Distrust of news keeps pandemic spreading

Jennifer Aniston shared a personal decision to stop talking with family and loved ones who refuse to get the Covid-19 vaccine, virtually writing them off.  For months she has tried to convince people about whom she cares to get the shot but to no avail.  She’s stood strong on her conviction that the vaccine prevents the new virus from spreading and in turn fewer people will catch it, end up in the hospital or even die from the disease.  But no more begging for the celebrity and well-known actress of Friends.  She’s tired of the illogical circular arguments and heated fights, each side trying to convince the other whose truth is the real truth—dealing with people who distrust substantiated news based on nothing but the facts and instead stubbornly prefer media whose purpose is not to objectively report the news but to promote and foster conservative politics.

I know exactly how she feels.

Since the Covid-19 vaccine, every week I have asked my parents if they’ve gotten it yet.  I am saddened to find their mindset remains with tens of millions of Americans who refuse and reject the vaccine, proclaiming their independence from a government mandate. My elderly parents have no intention of getting the Covid-19 vaccine.  Out of the blue, they simply do not believe in this vaccine, remaining highly suspicious of one that was developed at lightning speed and miraculously has effectively kept the vast majority of vaccinated from getting the virus and dying from it.

Counting flowers on the wall

These are the same parents who during my childhood in the 1960s and ’70s made sure their children were up to date on all recommended immunizations.  There was no debate or question about it.  Vaccines were universally accepted.  Parents didn’t have time to research every single childhood immunization.  Schools insisted parents keep their children’s immunization records up to date.  It was very serious business dealt every year before school started.  In those days, too, there was no internet—although concerned parents could go to the library and research the science behind immunizations against a host of once deadly and miserable childhood diseases they faced and more likely their parents contracted.  My grandmother talked about surviving yellow fever circa 1910.  She was deathly ill for close to a year and lost all her hair.  Somehow she survived, and in time her hair grew back.

My parents had practically every childhood disease of the first half of the 20th century.  Vaccines were unheard of.  They also could have contracted polio but fortunately for them, they didn’t.

The people who raised me understood vaccines, the science, the urgency, the importance, and therefore ensured the best modern medicine for my healthy childhood.  I didn’t realize it as I do now: My parents provided those vaccines out of love for their children.  Throughout the years, my parents were the type to get the annual flu vaccine and got the pneumonia vaccine when it was developed.
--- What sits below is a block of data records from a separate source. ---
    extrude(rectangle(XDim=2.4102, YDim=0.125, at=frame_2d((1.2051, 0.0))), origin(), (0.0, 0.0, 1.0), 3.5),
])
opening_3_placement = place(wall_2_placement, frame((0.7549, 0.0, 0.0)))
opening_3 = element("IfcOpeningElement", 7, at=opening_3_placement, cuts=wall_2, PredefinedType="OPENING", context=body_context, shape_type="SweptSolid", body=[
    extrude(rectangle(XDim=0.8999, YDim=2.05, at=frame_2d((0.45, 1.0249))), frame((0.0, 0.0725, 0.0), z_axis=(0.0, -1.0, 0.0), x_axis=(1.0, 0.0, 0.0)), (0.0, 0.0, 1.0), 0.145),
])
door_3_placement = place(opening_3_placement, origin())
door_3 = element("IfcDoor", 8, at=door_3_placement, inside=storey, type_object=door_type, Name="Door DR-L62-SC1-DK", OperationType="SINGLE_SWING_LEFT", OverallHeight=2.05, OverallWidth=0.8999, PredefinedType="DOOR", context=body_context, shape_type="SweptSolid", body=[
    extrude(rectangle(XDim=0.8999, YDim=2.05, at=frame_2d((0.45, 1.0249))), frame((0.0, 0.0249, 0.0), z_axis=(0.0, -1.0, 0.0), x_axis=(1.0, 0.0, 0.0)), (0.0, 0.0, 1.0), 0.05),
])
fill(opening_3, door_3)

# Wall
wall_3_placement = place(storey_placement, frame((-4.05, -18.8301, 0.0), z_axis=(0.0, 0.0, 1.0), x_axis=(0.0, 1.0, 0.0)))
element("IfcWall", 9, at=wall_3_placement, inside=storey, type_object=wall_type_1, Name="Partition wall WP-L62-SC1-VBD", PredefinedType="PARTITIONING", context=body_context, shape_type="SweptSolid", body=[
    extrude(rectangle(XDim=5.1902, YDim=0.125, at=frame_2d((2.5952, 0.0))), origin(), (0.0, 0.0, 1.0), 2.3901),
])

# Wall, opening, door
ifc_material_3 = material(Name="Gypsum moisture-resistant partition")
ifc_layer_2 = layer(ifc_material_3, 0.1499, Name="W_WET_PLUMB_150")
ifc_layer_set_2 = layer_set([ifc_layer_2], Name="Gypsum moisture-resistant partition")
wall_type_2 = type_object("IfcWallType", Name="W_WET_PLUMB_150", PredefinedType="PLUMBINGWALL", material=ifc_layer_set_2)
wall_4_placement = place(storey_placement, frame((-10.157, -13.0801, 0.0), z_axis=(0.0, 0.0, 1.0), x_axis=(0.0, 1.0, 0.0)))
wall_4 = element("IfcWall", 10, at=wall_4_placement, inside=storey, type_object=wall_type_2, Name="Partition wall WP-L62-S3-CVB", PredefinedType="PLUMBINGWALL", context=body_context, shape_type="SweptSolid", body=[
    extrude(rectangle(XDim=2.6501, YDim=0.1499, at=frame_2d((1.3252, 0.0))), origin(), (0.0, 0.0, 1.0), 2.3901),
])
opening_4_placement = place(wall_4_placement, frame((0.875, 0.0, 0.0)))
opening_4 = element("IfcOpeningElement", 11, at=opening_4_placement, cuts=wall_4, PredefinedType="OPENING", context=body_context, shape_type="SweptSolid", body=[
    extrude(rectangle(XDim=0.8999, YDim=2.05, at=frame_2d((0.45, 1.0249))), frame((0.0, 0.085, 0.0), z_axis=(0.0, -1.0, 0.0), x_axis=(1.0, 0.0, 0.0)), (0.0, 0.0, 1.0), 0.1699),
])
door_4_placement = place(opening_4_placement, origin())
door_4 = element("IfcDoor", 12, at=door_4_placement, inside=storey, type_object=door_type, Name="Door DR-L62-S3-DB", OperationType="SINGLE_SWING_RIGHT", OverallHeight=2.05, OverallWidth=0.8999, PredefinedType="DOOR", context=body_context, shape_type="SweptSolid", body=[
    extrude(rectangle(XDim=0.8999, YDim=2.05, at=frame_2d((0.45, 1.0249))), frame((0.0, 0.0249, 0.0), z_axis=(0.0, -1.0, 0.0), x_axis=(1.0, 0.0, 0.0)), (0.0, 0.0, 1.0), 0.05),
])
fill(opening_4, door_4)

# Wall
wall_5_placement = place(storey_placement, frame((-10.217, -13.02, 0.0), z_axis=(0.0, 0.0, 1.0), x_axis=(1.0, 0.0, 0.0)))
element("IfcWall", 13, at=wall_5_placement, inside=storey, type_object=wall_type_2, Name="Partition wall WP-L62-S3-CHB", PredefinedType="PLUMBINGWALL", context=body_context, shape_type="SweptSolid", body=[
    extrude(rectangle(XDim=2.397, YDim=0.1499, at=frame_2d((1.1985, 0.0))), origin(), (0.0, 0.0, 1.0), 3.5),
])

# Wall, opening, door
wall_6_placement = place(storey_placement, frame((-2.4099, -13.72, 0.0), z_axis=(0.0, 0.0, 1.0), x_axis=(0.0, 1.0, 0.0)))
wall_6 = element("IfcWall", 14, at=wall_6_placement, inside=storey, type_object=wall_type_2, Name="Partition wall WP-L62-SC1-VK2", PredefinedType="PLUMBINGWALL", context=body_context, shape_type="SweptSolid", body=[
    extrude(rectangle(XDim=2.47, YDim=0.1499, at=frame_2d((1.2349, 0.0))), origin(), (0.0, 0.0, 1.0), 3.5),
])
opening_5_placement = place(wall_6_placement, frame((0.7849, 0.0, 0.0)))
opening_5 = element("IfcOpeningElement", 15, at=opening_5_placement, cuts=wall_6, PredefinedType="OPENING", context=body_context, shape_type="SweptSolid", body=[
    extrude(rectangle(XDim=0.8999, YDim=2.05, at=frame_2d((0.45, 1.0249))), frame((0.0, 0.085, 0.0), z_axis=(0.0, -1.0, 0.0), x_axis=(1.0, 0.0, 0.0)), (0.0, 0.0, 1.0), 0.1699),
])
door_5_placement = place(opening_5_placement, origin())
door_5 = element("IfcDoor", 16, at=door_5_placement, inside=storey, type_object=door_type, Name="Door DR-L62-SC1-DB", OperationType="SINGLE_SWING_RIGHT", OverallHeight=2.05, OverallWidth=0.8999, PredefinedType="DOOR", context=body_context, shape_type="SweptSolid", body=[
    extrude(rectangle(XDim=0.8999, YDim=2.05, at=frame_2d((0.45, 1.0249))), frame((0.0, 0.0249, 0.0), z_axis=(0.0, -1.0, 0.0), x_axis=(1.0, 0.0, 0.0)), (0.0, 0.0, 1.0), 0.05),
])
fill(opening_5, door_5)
But that’s not who they are anymore.

It’s like invasion of the body snatchers.  Something’s infiltrated their brains, their once reasonable thinking.  And since they refuse to have a computer and the internet and do not subscribe to news journals or newspapers, all the information they know about Covid-19 and the vaccine come from one source: Fox.  I won’t call it news because it’s not a news business.  Look it up.  It’s a conservative broadcast media network, specifically created to present news with a sharp political viewpoint, right of center.  It literally was founded to counter the mainstream news for perceived hippie leftist pro-Democrat bias. The number of Americans who refuse the Covid-19 vaccine equal the same number of Fox fans and more than likely the same number who did not vote for President Biden. 

And that’s the way it is

Just a few decades ago, we all got the same news even if covered by three different networks, dozens of major daily newspapers and radio stations and analyzed by monthly and weekly periodicals.  The news was fact based, substantiated, serious, no kidding, sobering—and most importantly real.

Today with the internet’s plethora of ‘enter-newsment’ or ‘newsertainment’—stories that are not journalism and play fast and loose with the facts, if even that—half the country has become brain dead.  They only read, hear and see what they want.  And if the internet’s unregulated array of dubious news sources doesn’t reach everyone, Fox cable does.  The format is nothing but Republican political opinion presented by the most attractive talking heads on the air.  The other 24-hour cable news networks also are mostly political opinion but presented from real-deal reporters in a calm level-headed manner. That’s a welcome difference to me.

But Fox knows a lot of people prefer emotional appeal on every subject nowadays.  How this century’s pandemic and vaccine have become an angry American political grudge match that has stressed and split families, friends and colleagues, not to mention doctors and their patients, beats me.  I suspect the uproar is from trusting the wrong media: the one that routinely plays on human emotions like fear, confusion, distrust, anger, impatience, jealousy, prejudice and hate.  Swirl in ignorance, and we all will remain in this real and deadly health crisis for a long time.  The problem is millions of Americans think they are smarter than doctors, scientists, public health experts, pharmacists, biologists and virologists.  And they all trust the same source for their information.  Their defense against the vaccine is ‘This is America’ and they can believe anything they want.  It’s dumbfounded.